Where Complex.com seems headed next

Based on the post-acquisition positioning, expect continued emphasis on:

  • Commerce-native content and collabs that can convert attention into purchases.
  • ComplexCon expansion and iteration (including different cities and formats, with ComplexCon’s own official site listing future dates).
  • Video-first storytelling that can be syndicated across platforms rather than depending on one distribution channel.
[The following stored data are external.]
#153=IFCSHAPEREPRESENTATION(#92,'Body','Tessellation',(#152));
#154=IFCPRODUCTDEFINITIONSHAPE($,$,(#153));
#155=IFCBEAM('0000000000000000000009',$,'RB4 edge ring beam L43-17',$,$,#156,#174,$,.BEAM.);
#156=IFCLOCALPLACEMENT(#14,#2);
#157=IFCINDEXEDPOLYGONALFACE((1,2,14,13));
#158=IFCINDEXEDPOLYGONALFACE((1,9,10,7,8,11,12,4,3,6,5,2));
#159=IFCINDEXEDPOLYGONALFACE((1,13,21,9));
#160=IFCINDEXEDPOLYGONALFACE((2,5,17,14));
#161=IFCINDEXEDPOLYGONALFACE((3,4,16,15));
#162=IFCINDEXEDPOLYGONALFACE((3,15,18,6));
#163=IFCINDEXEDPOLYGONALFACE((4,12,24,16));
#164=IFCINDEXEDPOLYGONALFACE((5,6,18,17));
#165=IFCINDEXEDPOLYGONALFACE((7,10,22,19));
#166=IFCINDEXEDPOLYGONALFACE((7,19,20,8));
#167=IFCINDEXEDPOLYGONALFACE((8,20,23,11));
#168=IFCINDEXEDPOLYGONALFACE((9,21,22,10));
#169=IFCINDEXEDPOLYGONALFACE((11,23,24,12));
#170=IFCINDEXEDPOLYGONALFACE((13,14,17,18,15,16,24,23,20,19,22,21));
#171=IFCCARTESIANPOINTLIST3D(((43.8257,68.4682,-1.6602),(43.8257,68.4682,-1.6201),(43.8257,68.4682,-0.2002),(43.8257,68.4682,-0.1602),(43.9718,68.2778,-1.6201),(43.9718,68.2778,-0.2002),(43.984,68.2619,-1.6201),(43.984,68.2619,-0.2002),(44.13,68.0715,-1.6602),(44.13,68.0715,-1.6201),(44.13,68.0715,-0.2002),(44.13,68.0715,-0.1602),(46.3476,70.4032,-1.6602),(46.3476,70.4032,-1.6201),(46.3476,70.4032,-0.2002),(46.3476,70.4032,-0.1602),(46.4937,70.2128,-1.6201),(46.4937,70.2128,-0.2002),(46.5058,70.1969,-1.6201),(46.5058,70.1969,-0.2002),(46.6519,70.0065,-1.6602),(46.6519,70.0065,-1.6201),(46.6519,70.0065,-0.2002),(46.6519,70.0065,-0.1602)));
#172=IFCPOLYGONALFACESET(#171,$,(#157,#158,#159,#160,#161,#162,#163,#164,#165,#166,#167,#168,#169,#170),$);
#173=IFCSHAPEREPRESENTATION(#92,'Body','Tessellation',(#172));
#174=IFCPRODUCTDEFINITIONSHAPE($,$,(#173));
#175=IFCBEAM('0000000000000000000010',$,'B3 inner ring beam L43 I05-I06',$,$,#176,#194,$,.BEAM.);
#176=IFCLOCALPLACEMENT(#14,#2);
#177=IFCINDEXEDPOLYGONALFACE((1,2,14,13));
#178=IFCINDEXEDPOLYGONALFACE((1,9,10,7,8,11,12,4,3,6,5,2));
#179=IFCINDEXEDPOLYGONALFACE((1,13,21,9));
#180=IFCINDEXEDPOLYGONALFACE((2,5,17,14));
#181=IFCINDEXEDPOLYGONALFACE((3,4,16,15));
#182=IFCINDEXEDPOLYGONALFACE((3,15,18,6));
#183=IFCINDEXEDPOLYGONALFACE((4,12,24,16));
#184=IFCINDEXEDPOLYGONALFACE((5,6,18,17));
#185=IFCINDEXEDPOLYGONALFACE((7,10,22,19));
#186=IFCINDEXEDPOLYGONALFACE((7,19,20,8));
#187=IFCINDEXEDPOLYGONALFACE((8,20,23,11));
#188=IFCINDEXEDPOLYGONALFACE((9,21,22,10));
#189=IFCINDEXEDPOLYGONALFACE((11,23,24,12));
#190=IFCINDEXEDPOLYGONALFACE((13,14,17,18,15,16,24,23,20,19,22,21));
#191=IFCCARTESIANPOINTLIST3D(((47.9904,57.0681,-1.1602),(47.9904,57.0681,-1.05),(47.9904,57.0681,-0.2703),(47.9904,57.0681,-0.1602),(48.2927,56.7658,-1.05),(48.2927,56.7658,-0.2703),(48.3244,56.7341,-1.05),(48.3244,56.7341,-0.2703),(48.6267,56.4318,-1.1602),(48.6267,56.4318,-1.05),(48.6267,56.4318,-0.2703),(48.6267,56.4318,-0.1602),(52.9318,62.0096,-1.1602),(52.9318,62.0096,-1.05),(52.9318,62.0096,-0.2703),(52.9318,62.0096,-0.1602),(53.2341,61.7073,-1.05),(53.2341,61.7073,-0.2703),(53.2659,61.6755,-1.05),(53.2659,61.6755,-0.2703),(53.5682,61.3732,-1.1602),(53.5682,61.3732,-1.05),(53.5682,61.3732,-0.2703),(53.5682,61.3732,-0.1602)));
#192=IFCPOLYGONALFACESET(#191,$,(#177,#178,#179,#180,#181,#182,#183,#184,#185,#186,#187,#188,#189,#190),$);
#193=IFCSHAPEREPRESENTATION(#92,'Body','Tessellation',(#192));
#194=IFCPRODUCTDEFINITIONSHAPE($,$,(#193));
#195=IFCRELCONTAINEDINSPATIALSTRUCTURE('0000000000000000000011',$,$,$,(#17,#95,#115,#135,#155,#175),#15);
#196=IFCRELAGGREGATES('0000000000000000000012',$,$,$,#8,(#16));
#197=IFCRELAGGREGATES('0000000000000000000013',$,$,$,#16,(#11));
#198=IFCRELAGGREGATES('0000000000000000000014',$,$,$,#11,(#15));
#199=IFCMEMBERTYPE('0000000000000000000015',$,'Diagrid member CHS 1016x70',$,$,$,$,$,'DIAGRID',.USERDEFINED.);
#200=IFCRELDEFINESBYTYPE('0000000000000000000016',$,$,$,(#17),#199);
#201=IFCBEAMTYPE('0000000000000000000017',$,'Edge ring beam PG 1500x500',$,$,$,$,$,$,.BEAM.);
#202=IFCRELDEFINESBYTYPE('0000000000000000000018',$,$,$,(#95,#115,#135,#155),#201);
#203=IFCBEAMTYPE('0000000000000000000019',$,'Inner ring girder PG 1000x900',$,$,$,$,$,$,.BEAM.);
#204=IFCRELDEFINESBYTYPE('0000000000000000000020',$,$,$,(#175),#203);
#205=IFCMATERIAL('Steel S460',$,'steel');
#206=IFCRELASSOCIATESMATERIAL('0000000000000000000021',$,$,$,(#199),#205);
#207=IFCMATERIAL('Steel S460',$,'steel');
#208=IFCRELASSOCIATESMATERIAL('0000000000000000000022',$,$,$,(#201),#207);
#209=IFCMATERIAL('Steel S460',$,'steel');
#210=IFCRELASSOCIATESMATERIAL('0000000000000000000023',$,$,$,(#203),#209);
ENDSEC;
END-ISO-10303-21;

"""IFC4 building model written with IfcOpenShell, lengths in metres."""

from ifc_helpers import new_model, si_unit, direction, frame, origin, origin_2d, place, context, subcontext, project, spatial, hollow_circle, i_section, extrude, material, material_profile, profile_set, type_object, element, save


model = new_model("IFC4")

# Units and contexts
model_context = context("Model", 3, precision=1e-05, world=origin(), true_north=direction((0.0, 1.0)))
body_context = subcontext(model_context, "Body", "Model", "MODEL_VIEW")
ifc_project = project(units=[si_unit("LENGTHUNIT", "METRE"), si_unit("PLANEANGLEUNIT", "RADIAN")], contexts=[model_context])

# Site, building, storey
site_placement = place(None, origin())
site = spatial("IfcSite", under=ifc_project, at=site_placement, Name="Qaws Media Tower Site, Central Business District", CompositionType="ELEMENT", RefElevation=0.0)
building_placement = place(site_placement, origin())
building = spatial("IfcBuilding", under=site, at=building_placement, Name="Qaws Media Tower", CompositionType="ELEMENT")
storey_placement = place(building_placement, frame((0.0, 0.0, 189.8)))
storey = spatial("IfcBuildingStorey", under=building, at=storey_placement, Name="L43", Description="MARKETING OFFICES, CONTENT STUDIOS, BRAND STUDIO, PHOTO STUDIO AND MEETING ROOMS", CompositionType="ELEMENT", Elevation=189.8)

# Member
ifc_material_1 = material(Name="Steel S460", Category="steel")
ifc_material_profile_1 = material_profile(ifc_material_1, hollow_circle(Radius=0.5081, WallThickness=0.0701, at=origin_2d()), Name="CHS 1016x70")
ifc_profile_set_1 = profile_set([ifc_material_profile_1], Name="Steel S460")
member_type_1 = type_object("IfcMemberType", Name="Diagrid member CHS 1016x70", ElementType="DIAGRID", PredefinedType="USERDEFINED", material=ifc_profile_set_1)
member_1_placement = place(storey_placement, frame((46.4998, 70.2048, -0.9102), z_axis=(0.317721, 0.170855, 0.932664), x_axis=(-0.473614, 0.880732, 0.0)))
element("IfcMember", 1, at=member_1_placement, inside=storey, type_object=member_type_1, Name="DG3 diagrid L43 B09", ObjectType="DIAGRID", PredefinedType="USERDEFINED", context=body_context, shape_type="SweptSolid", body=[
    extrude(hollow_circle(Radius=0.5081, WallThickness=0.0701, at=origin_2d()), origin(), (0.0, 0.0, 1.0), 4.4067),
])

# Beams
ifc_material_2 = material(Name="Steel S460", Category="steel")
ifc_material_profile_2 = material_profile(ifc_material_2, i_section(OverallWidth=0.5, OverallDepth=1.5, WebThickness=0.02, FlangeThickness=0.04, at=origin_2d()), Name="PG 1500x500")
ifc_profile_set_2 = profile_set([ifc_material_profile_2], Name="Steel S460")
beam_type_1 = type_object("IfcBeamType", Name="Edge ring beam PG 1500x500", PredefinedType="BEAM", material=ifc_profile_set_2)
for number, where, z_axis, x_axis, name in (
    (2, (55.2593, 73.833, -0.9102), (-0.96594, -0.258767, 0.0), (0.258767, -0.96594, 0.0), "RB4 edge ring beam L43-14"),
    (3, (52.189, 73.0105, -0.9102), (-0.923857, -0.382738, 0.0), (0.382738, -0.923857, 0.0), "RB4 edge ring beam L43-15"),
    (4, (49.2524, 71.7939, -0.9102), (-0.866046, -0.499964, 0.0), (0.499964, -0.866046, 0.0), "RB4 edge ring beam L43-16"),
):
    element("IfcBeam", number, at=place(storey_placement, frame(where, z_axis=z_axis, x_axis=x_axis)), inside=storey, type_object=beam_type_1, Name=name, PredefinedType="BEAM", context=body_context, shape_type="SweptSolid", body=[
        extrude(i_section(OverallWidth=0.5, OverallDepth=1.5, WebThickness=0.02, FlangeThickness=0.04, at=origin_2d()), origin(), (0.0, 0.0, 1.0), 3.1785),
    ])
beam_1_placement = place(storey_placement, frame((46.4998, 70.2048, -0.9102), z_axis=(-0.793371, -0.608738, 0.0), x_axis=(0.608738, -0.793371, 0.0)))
If Complex gets the balance right, it stays a culture outlet that also knows how to monetize. If it gets it wrong, it risks becoming either a hype feed with diminishing trust or a commerce machine that loses its editorial edge. The tension is the point, and it’s not going away.

Key takeaways

  • Complex.com is best understood as a youth-culture media brand with strong video and event pillars, not just a website.
  • The 2024 sale of Complex to NTWRK signals an even tighter link between content and commerce.
  • ComplexCon is a major strategic asset because it combines attention, community, sponsorship, and direct revenue in one place.
  • The brand’s ongoing challenge is credibility: keeping culture coverage feeling real while expanding monetization pathways.

FAQ

Is Complex.com the same thing as Complex Networks?
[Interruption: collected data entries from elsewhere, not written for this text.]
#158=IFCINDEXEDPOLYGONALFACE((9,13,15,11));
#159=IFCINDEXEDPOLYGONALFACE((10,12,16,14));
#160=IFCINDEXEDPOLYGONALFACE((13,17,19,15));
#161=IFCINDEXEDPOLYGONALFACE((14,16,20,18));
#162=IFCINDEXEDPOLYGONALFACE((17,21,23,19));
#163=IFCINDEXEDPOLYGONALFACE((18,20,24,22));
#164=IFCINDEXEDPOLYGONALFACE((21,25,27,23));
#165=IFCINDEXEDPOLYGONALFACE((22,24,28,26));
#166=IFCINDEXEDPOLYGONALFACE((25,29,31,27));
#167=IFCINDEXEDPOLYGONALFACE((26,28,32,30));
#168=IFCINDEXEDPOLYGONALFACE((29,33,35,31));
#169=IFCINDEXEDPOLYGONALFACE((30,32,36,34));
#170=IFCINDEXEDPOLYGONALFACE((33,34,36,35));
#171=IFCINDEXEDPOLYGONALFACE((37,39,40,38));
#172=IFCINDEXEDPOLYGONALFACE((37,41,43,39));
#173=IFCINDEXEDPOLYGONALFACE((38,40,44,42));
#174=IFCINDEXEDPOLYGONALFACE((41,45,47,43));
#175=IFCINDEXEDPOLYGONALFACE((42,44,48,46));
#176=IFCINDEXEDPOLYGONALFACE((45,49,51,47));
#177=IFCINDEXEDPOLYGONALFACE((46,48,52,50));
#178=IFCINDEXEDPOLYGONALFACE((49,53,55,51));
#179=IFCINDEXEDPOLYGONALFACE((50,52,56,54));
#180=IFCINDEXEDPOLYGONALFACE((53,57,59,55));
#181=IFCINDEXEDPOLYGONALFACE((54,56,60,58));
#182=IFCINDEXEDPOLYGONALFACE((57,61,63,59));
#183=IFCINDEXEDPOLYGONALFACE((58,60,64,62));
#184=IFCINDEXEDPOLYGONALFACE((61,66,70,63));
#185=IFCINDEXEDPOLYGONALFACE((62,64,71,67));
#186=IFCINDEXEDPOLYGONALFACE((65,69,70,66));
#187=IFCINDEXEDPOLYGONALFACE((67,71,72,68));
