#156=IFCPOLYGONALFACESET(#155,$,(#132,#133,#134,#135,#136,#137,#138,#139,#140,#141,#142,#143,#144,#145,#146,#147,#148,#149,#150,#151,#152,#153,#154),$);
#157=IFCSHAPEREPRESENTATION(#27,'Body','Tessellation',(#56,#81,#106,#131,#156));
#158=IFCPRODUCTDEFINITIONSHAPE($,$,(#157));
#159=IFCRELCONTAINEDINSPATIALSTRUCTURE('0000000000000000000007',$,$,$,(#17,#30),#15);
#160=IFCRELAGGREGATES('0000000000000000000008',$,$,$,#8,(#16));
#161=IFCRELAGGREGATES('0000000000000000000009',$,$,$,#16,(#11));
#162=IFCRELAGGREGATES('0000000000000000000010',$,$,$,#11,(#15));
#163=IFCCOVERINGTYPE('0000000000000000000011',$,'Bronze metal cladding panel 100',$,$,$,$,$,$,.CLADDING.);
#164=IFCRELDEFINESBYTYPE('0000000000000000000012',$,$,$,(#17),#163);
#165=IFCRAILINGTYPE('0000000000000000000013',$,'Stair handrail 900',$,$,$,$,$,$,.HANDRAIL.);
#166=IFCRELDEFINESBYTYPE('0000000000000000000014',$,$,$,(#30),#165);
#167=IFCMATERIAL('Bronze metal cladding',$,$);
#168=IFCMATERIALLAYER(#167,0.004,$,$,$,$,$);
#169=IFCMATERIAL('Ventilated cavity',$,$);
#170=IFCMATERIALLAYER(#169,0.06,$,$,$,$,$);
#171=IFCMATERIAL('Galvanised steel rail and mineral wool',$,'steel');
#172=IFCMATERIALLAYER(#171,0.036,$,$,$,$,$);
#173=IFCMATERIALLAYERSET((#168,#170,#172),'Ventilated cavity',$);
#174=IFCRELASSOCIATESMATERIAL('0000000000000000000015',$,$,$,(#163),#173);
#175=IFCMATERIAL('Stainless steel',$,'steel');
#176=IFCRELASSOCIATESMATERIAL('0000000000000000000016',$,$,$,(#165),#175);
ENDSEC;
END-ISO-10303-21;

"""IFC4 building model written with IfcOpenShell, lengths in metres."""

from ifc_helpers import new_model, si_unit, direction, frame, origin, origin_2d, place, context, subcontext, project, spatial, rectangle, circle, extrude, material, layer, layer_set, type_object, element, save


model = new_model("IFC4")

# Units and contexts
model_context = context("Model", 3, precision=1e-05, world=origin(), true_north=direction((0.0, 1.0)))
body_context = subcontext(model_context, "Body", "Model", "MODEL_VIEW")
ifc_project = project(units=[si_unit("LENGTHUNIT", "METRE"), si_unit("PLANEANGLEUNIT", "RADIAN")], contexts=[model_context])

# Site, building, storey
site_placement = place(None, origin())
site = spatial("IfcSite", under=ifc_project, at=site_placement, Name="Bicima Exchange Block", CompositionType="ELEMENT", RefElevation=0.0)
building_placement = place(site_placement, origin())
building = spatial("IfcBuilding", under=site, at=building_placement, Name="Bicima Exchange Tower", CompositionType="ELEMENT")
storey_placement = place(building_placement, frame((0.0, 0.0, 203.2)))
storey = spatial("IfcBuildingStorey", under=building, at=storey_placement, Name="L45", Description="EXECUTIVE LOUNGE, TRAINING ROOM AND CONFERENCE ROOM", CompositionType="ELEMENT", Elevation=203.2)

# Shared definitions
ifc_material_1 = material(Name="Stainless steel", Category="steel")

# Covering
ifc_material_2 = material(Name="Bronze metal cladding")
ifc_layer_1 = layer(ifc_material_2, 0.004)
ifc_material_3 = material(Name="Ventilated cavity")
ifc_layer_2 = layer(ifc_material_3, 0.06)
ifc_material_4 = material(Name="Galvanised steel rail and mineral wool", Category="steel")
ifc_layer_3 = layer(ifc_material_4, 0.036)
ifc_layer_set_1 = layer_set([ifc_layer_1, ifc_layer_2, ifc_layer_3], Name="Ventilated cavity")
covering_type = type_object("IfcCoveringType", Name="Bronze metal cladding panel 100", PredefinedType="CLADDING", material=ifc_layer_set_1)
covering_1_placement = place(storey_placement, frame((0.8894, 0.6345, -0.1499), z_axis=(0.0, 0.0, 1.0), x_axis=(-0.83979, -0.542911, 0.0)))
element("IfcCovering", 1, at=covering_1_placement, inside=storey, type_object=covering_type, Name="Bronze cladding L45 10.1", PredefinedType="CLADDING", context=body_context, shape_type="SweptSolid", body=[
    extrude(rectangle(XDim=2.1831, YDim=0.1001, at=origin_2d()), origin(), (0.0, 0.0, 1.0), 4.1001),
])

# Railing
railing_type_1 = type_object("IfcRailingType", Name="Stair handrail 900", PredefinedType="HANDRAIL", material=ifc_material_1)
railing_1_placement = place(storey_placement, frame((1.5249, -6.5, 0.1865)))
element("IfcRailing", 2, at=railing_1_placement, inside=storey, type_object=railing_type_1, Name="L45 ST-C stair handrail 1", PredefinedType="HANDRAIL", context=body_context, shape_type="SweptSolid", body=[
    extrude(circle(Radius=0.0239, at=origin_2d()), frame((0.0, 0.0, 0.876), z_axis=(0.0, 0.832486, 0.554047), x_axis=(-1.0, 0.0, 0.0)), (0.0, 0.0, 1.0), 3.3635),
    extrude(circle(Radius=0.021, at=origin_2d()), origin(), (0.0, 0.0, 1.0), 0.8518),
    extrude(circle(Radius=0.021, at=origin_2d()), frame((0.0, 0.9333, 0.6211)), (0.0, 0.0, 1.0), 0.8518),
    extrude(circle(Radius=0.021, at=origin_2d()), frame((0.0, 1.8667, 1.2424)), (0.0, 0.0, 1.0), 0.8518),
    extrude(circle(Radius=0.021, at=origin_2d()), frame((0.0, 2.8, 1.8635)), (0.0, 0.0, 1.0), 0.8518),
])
In practice, people use the names interchangeably. Historically, Complex began as Complex magazine and evolved into Complex Networks as a broader company umbrella around digital, video, and events.

Who owns Complex now?

Complex was sold by BuzzFeed to NTWRK in a deal that closed on February 21, 2024.

What’s the relationship between Complex and ComplexCon?

ComplexCon is a flagship event created by Complex that turns the brand’s coverage areas—streetwear, sneakers, music, art, food—into a live festival and marketplace format.

Is Complex mainly news, or mainly shopping content?

It’s both, depending on the section and the moment. Editorial coverage drives attention, and the business model increasingly benefits when attention can connect to commerce—especially after the NTWRK acquisition.